New conda environment from environment-3.8.yaml. Cloned and "pip -e" installed dask and distributed, tags 2021.04.0.

fjetter commented 3 years ago

Looks like the optimizer function is not properly selected. I would try to very if the config was properly updated. You can also try calling dask.optimize yourself to troubleshoot the issue.

Note that the graph manipulation you are adding is actually not processing the output of any previous task but is rather an unconnected edge in your graph. Some of the default optimizers would cut this simply out (that's called culling)

However, from your description it sounds like the easiest solution would be to simply attach another task to the graph to persist the result.

@dask.delayed
def persist_result(result):
    do_smth_with_result(result)
    return result

@dask.delayed
def do_computation(...):
    return something

task = do_computation()
graph = persist_result(task)

graph.compute()

Any reason why you choose to go for the very low level optimizer?
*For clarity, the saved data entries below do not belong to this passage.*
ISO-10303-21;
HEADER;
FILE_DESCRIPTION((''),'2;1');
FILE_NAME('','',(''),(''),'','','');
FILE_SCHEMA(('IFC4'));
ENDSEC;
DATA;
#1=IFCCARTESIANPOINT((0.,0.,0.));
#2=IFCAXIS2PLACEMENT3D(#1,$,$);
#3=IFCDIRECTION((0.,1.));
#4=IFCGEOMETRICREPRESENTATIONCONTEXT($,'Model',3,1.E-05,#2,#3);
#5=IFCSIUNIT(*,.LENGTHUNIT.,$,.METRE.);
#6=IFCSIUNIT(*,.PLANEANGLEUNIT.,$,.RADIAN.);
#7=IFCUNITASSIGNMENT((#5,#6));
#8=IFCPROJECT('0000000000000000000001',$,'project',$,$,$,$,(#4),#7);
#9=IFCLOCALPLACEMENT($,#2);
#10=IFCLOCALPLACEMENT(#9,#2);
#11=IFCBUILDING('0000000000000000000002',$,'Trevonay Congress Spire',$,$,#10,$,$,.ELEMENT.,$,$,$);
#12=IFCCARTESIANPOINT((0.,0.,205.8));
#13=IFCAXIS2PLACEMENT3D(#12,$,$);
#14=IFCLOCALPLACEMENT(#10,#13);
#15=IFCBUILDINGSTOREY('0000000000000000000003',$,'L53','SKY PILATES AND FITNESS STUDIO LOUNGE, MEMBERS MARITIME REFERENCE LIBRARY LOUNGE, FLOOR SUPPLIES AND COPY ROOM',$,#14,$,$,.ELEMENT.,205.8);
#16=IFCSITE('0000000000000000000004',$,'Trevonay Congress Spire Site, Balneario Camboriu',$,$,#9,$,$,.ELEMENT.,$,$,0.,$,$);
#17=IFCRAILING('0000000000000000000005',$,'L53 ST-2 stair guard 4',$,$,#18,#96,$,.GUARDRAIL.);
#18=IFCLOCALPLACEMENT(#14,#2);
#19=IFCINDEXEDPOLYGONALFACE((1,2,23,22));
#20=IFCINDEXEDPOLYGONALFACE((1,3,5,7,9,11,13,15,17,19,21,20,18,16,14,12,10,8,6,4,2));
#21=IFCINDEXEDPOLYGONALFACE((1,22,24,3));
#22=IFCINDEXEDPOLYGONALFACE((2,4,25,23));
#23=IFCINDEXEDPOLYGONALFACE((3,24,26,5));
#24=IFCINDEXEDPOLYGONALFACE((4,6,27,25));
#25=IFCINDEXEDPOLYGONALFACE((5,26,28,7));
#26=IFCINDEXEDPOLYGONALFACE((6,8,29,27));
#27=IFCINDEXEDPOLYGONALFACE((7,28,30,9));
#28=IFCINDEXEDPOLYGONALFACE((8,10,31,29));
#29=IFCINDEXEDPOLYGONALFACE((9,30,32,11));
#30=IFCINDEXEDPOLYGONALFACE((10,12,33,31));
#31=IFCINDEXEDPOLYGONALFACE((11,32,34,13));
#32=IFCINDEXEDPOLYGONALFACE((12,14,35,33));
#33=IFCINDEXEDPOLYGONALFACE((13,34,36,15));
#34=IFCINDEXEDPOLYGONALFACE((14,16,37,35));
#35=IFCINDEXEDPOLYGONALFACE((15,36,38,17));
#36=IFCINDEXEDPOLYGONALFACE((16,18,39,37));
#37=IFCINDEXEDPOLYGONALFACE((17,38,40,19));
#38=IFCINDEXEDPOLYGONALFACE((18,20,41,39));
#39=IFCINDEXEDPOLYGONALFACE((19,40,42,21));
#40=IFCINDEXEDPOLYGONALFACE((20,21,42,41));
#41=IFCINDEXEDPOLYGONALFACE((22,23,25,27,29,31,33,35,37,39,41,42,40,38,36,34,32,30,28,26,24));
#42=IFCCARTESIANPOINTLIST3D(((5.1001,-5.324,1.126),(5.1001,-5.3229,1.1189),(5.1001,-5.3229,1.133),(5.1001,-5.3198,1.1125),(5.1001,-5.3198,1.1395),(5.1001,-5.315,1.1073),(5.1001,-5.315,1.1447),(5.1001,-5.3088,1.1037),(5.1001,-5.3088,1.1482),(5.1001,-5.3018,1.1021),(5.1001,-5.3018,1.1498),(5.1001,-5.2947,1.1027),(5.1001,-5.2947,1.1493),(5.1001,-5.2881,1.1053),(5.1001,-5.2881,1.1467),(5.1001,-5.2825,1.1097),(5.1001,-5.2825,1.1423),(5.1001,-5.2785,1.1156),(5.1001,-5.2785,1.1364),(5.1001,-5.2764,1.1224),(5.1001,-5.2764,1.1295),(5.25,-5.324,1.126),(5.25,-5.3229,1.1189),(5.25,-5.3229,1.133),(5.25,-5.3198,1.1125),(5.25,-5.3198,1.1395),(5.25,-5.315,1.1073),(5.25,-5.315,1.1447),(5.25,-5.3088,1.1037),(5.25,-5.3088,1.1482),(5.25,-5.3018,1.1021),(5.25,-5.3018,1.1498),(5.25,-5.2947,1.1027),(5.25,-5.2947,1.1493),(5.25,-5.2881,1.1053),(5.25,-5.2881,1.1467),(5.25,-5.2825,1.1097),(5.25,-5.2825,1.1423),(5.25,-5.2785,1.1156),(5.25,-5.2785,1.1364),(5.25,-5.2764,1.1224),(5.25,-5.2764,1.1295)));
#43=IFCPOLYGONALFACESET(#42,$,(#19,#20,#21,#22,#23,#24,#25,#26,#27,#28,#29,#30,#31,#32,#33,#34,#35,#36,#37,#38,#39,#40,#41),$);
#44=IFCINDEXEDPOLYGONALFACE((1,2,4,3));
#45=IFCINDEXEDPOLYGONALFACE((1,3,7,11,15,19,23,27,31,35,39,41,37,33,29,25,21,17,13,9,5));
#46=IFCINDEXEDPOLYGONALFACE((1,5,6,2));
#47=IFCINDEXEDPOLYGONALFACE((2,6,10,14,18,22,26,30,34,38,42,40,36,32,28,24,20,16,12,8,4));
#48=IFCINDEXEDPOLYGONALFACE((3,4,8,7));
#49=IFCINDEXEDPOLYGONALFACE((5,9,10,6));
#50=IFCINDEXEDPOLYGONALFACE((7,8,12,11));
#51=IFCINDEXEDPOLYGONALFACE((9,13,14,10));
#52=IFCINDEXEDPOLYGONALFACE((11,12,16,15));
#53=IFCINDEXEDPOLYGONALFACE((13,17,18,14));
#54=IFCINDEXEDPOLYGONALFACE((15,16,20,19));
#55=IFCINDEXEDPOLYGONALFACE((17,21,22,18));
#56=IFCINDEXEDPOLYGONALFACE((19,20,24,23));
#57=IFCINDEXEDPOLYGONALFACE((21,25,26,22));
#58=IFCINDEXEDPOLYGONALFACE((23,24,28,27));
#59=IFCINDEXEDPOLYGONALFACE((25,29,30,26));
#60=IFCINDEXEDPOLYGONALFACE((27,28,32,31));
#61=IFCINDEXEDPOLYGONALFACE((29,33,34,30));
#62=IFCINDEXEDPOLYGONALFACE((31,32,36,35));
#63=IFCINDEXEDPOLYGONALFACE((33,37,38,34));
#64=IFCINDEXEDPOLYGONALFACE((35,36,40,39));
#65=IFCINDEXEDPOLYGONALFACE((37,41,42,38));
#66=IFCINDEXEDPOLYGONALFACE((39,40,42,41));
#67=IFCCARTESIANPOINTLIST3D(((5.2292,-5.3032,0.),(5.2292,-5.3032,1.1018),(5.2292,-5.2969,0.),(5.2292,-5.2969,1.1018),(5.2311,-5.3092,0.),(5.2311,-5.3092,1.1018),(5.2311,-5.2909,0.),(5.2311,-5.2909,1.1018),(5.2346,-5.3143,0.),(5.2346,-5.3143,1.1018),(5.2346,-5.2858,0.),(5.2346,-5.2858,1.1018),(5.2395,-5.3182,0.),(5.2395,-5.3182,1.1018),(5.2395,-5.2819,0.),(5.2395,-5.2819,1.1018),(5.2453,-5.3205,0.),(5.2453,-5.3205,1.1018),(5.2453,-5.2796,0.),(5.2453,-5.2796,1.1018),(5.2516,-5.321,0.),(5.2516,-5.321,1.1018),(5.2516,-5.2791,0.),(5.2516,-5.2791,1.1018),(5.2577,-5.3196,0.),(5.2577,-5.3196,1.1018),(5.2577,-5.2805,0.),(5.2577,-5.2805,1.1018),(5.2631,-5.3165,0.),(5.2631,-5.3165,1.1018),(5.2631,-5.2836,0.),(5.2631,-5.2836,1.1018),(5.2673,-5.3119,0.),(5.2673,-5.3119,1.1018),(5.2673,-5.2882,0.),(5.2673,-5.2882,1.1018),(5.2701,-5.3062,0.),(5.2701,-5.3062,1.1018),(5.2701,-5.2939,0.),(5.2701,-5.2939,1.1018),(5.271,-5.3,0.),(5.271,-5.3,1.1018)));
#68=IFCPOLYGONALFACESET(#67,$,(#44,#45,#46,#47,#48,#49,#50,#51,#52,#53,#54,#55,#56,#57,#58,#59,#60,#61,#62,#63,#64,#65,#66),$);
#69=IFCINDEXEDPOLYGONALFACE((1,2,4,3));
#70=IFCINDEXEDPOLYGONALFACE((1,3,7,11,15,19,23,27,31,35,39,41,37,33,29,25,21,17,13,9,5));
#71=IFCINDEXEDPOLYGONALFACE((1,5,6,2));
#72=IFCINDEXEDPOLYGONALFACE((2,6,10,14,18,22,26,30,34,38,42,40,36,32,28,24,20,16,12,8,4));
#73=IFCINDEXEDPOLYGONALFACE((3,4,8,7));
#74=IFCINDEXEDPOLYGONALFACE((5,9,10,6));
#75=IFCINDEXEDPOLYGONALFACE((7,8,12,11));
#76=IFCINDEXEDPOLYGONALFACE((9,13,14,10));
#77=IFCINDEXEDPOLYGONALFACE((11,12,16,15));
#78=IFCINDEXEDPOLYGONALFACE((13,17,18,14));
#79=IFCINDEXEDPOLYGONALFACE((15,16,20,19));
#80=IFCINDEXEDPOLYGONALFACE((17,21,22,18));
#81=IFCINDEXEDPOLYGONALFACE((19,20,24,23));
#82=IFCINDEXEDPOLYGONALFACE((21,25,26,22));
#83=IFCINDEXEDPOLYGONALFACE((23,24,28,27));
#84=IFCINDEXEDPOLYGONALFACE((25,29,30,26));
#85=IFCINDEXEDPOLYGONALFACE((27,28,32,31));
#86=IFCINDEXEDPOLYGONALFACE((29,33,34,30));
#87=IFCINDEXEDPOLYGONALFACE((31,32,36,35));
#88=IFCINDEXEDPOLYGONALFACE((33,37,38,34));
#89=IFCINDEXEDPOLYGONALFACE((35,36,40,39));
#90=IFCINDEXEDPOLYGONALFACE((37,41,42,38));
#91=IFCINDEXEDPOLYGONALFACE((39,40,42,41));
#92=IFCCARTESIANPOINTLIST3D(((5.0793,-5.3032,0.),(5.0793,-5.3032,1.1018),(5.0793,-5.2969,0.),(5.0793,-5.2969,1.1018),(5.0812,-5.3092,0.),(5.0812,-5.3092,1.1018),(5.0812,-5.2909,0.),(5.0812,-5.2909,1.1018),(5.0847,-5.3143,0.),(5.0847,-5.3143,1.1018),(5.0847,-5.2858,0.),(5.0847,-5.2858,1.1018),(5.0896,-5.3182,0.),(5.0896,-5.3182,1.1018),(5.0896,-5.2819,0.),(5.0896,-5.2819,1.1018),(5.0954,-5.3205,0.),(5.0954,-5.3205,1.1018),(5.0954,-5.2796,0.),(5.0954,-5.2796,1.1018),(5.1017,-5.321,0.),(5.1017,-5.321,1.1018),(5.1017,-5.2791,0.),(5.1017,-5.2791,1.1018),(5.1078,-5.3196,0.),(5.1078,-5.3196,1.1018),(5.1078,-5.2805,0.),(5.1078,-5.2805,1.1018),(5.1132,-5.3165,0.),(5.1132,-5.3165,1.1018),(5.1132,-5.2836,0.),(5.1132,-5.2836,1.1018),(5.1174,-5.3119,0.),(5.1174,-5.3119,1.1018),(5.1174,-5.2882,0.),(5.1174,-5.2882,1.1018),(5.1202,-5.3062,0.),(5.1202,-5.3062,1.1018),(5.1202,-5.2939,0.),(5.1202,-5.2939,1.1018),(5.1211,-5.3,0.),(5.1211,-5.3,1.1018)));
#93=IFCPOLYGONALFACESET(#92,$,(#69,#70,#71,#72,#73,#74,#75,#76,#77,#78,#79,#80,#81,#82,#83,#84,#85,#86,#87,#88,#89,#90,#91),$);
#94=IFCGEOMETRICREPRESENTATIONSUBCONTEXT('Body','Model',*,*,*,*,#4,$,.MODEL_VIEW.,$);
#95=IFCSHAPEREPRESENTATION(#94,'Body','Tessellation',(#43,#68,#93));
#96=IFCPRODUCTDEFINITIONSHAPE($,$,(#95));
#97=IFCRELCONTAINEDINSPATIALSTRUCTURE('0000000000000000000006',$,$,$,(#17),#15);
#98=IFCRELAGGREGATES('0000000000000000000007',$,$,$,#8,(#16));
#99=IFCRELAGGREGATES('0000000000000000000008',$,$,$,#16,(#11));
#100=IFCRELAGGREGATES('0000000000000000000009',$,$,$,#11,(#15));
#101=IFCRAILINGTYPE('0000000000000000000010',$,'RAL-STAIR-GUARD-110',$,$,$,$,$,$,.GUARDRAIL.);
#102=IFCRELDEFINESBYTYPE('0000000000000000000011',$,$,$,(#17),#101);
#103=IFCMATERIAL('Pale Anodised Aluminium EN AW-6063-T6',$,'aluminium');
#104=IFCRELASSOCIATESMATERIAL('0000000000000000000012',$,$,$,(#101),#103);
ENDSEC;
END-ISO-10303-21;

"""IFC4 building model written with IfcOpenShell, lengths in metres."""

from ifc_helpers import new_model, si_unit, direction, frame, origin, origin_2d, place, context, subcontext, project, spatial, circle, extrude, material, type_object, element, save


model = new_model("IFC4")

# Units and contexts
model_context = context("Model", 3, precision=1e-05, world=origin(), true_north=direction((0.0, 1.0)))
body_context = subcontext(model_context, "Body", "Model", "MODEL_VIEW")
ifc_project = project(units=[si_unit("LENGTHUNIT", "METRE"), si_unit("PLANEANGLEUNIT", "RADIAN")], contexts=[model_context])

# Site, building, storey
site_placement = place(None, origin())
site = spatial("IfcSite", under=ifc_project, at=site_placement, Name="Trevonay Congress Spire Site, Balneario Camboriu", CompositionType="ELEMENT", RefElevation=0.0)
building_placement = place(site_placement, origin())
building = spatial("IfcBuilding", under=site, at=building_placement, Name="Trevonay Congress Spire", CompositionType="ELEMENT")
storey_placement = place(building_placement, frame((0.0, 0.0, 205.8)))
storey = spatial("IfcBuildingStorey", under=building, at=storey_placement, Name="L53", Description="SKY PILATES AND FITNESS STUDIO LOUNGE, MEMBERS MARITIME REFERENCE LIBRARY LOUNGE, FLOOR SUPPLIES AND COPY ROOM", CompositionType="ELEMENT", Elevation=205.8)

# Railing
ifc_material_1 = material(Name="Pale Anodised Aluminium EN AW-6063-T6", Category="aluminium")
railing_type_1 = type_object("IfcRailingType", Name="RAL-STAIR-GUARD-110", PredefinedType="GUARDRAIL", material=ifc_material_1)
railing_1_placement = place(storey_placement, frame((5.25, -5.3, 0.0)))
element("IfcRailing", 1, at=railing_1_placement, inside=storey, type_object=railing_type_1, Name="L53 ST-2 stair guard 4", PredefinedType="GUARDRAIL", context=body_context, shape_type="SweptSolid", body=[
    extrude(circle(Radius=0.0239, at=origin_2d()), frame((0.0, 0.0, 1.126), z_axis=(-1.0, 0.0, 0.0), x_axis=(0.0, -1.0, 0.0)), (0.0, 0.0, 1.0), 0.1499),
    extrude(circle(Radius=0.021, at=origin_2d()), origin(), (0.0, 0.0, 1.0), 1.1018),
    extrude(circle(Radius=0.021, at=origin_2d()), frame((-0.1499, 0.0, 0.0)), (0.0, 0.0, 1.0), 1.1018),
])

save(model, "model.ifc")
maurosilber commented 3 years ago

Thanks for the fast reply!

Looks like the optimizer function is not properly selected. I would try to very if the config was properly updated. You can also try calling dask.optimize yourself to troubleshoot the issue.

There is an optimizing step running locally, as the print("Optimizing graph") runs in both cases. But, are there additional optimizing steps, such as culling, after sending the graph to a scheduler?
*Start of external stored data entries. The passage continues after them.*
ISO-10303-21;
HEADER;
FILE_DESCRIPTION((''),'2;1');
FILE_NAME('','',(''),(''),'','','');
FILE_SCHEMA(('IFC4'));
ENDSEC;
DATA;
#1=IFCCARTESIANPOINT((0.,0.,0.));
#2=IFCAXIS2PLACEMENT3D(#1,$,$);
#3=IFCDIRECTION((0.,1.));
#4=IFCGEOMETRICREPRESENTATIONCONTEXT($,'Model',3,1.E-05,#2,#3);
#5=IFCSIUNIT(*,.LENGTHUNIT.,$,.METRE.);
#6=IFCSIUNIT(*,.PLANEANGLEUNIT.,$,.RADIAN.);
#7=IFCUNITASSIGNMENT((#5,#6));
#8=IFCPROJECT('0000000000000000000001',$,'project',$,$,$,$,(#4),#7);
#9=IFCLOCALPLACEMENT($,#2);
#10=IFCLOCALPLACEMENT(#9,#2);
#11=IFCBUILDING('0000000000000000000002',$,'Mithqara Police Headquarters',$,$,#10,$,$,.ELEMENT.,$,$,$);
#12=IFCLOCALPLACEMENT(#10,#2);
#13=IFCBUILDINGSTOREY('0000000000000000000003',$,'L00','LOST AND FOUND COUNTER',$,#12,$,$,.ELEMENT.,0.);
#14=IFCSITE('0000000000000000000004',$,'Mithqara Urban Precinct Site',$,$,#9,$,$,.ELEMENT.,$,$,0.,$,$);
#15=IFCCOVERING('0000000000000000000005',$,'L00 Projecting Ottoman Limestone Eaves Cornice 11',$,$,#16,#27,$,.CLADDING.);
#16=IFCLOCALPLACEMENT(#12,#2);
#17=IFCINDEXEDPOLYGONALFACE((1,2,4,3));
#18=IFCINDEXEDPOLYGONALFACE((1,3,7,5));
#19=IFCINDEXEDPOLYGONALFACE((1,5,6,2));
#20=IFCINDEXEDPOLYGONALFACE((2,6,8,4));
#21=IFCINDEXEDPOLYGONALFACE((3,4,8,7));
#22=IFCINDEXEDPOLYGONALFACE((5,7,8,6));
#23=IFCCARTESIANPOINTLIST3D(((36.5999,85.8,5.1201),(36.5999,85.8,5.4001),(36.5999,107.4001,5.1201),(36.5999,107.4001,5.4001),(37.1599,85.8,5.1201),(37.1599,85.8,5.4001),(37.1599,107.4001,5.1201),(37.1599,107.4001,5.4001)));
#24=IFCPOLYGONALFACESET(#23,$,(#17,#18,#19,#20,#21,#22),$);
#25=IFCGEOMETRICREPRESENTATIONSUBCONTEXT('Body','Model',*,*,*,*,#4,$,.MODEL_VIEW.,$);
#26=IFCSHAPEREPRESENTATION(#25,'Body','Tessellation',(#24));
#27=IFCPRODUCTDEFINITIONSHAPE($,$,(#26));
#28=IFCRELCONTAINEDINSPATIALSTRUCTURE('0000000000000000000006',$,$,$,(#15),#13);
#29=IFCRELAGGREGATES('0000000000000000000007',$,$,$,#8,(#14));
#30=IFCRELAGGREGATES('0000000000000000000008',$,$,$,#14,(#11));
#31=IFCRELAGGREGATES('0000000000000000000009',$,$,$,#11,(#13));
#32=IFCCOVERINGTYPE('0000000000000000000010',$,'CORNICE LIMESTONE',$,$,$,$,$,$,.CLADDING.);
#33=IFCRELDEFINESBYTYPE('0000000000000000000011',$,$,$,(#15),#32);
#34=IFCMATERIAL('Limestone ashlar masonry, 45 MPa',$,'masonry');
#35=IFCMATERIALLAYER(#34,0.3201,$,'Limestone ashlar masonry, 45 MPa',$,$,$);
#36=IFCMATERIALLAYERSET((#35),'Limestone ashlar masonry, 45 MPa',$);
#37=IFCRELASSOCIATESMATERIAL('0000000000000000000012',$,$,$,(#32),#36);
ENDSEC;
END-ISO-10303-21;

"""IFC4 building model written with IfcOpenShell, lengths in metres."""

from ifc_helpers import new_model, si_unit, direction, frame, origin, origin_2d, place, context, subcontext, project, spatial, rectangle, extrude, material, layer, layer_set, type_object, element, save


model = new_model("IFC4")

# Units and contexts
model_context = context("Model", 3, precision=1e-05, world=origin(), true_north=direction((0.0, 1.0)))
body_context = subcontext(model_context, "Body", "Model", "MODEL_VIEW")
ifc_project = project(units=[si_unit("LENGTHUNIT", "METRE"), si_unit("PLANEANGLEUNIT", "RADIAN")], contexts=[model_context])

# Site, building, storey
site_placement = place(None, origin())
site = spatial("IfcSite", under=ifc_project, at=site_placement, Name="Mithqara Urban Precinct Site", CompositionType="ELEMENT", RefElevation=0.0)
building_placement = place(site_placement, origin())
building = spatial("IfcBuilding", under=site, at=building_placement, Name="Mithqara Police Headquarters", CompositionType="ELEMENT")
storey_placement = place(building_placement, origin())
storey = spatial("IfcBuildingStorey", under=building, at=storey_placement, Name="L00", Description="LOST AND FOUND COUNTER", CompositionType="ELEMENT", Elevation=0.0)

# Shared definitions
ifc_material_1 = material(Name="Limestone ashlar masonry, 45 MPa", Category="masonry")

# Covering
ifc_layer_1 = layer(ifc_material_1, 0.3201, Name="Limestone ashlar masonry, 45 MPa")
ifc_layer_set_1 = layer_set([ifc_layer_1], Name="Limestone ashlar masonry, 45 MPa")
covering_type = type_object("IfcCoveringType", Name="CORNICE LIMESTONE", PredefinedType="CLADDING", material=ifc_layer_set_1)
covering_placement = place(storey_placement, frame((36.8799, 96.6001, 5.1201), z_axis=(0.0, 0.0, 1.0), x_axis=(0.0, 1.0, 0.0)))
element("IfcCovering", 1, at=covering_placement, inside=storey, type_object=covering_type, Name="L00 Projecting Ottoman Limestone Eaves Cornice 11", PredefinedType="CLADDING", context=body_context, shape_type="SweptSolid", body=[
    extrude(rectangle(XDim=21.6001, YDim=0.5601, at=origin_2d()), origin(), (0.0, 0.0, 1.0), 0.28),
])

save(model, "model.ifc")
I did forget to build a minimum example that reflects my use case. What I'm trying to do is more or less the following.

With this starting graph, computed as delayed(func_c)(...):

starting_graph = {
  "a": (func_a, 1),
  "b": (func_b, "a"),
  "c": (func_c, "b"),
}

If the "b" result is already saved on disk, replace with a load on the optimizing step:

optimized_graph = {
  "b": (load_b,),
  "c": (func_c, "b"),
}

which includes a culling step to discard "a".
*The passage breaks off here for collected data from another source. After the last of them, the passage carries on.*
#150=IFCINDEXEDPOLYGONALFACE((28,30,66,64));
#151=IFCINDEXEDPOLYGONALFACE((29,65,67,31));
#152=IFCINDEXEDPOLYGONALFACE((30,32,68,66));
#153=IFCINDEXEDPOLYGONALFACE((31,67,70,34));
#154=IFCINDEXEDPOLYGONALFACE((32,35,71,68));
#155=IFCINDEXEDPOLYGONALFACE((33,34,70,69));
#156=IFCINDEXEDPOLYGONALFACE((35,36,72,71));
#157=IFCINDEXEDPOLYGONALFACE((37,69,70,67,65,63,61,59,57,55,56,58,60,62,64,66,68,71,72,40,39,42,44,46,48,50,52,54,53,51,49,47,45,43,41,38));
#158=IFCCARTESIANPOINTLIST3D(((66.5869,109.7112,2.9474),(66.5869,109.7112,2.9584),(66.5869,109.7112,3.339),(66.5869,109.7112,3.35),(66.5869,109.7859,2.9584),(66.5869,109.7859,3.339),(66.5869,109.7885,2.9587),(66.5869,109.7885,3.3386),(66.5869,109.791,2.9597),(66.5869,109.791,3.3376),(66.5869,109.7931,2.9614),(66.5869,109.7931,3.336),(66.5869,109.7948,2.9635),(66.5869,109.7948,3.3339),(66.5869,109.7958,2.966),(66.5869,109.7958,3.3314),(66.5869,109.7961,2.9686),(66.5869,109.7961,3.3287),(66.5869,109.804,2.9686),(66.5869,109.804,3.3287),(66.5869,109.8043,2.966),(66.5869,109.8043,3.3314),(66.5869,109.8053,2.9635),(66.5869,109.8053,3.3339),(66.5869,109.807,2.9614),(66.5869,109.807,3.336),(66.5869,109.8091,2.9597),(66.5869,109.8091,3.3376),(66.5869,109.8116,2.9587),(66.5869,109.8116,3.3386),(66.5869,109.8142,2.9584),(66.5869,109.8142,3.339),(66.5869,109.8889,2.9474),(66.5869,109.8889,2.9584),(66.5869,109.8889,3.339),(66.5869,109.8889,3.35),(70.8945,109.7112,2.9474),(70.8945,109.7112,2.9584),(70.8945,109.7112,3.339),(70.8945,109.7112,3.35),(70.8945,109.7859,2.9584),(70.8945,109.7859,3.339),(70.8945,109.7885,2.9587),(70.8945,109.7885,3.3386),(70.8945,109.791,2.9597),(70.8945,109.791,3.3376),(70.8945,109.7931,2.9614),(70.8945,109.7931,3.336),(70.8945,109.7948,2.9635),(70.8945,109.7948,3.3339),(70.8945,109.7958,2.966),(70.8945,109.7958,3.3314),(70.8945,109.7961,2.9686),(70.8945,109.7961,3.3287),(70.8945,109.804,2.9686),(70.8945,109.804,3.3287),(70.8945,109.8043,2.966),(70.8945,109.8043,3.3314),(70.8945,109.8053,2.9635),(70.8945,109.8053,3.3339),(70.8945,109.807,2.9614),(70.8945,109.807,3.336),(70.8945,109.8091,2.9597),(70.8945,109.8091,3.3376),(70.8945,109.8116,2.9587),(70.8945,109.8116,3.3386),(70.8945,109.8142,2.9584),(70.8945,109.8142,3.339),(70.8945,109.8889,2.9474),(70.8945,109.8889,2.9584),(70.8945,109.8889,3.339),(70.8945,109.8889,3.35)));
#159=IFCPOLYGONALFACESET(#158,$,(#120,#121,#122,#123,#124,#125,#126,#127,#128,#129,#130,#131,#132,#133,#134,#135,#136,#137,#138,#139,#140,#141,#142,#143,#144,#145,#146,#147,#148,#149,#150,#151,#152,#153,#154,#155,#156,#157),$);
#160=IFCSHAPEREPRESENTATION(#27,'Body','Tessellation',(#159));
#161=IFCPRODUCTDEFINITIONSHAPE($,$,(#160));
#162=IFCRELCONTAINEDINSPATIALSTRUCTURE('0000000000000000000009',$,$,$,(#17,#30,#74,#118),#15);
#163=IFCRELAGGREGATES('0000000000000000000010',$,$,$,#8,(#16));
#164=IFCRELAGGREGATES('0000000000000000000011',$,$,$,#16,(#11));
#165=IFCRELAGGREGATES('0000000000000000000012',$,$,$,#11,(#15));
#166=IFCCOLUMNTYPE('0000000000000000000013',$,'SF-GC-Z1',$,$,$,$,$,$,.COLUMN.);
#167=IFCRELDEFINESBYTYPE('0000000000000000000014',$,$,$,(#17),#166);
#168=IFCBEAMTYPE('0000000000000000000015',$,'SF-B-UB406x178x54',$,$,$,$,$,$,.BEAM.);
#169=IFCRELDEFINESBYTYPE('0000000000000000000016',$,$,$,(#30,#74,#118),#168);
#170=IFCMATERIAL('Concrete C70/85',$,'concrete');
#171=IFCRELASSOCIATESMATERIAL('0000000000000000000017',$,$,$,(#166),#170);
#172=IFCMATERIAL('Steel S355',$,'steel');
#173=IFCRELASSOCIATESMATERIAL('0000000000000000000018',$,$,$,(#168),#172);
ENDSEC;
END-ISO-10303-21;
If it's not saved on disk, add a saving step:

starting_graph = {
  "a": (func_a, 1),
  "b": (func_b, "a"),
  "b-save": (save, "b"),
  "c": (func_c, "b"),
}

But, as the starting graph is generated by computing a delayed func_c, the only key requested is "c". "b-save" is not entirely disconnected, but ends up as a leaf node which is not computed on the distributed scheduler.

As a workaround, I think I could change the save function to return the input, and fuse "b" and "b-save".

Any reason why you choose to go for the very low level optimizer?

I went for the low-level optimizer as recomputing the same delayed(func_c) should return a different graph that loads the results.

fjetter commented 3 years ago

Is it possible for you to construct a minimal example? Input graph + optimizer function for your use case? I personally would probably still try to solve this problem without resorting to the optimizer but the optimization itself sounds still simple enough that it should work. Definitively, it shouldn't change depending on the execution backend.

But, are there additional optimizing steps, such as culling, after sending the graph to a scheduler?

I think not but I'm not 100% sure for high level graphs. @madsbk you have been involved with this, I believe. Can you answer this question or point to somebody who can?

maurosilber commented 3 years ago

Sure! It's a minimal example using a dict as storage.

import dask
import dask.utils

storage = {}

def save_and_return_value(k, v):
    storage[k] = v
    return v

def optimize(dsk, keys):
    dsk = dask.utils.ensure_dict(dsk)
    for k, v in dsk.items():
        save_key = f"save-{k}"

        if save_key in storage:
            # Load
            dsk[k] = (storage.get, save_key)
        else:
            # Save
            dsk[k] = (save_and_return_value, save_key, v)

    return dsk

dask.config.set(delayed_optimize=optimize)

@dask.delayed(pure=True)
def func(x):
    print("Running func")
    return 2 * x

x = func(42)

x.compute()  # Runs and saves to dict
x.compute()  # Loads from dict

It prints "Running func" only once, and the second time its replaced by the stored result.

I'm developing a package which uses this idea to store (some) results to disk: https://github.com/maurosilber/pipeline

madsbk commented 3 years ago

But, are there additional optimizing steps, such as culling, after sending the graph to a scheduler?

Yes if possible, optimizations such as culling and blockwise fusion will be done by the scheduler. Currently, this might not happen if low-level fusion is enabled but we are working on moving most, if not all, optimizations to the scheduler.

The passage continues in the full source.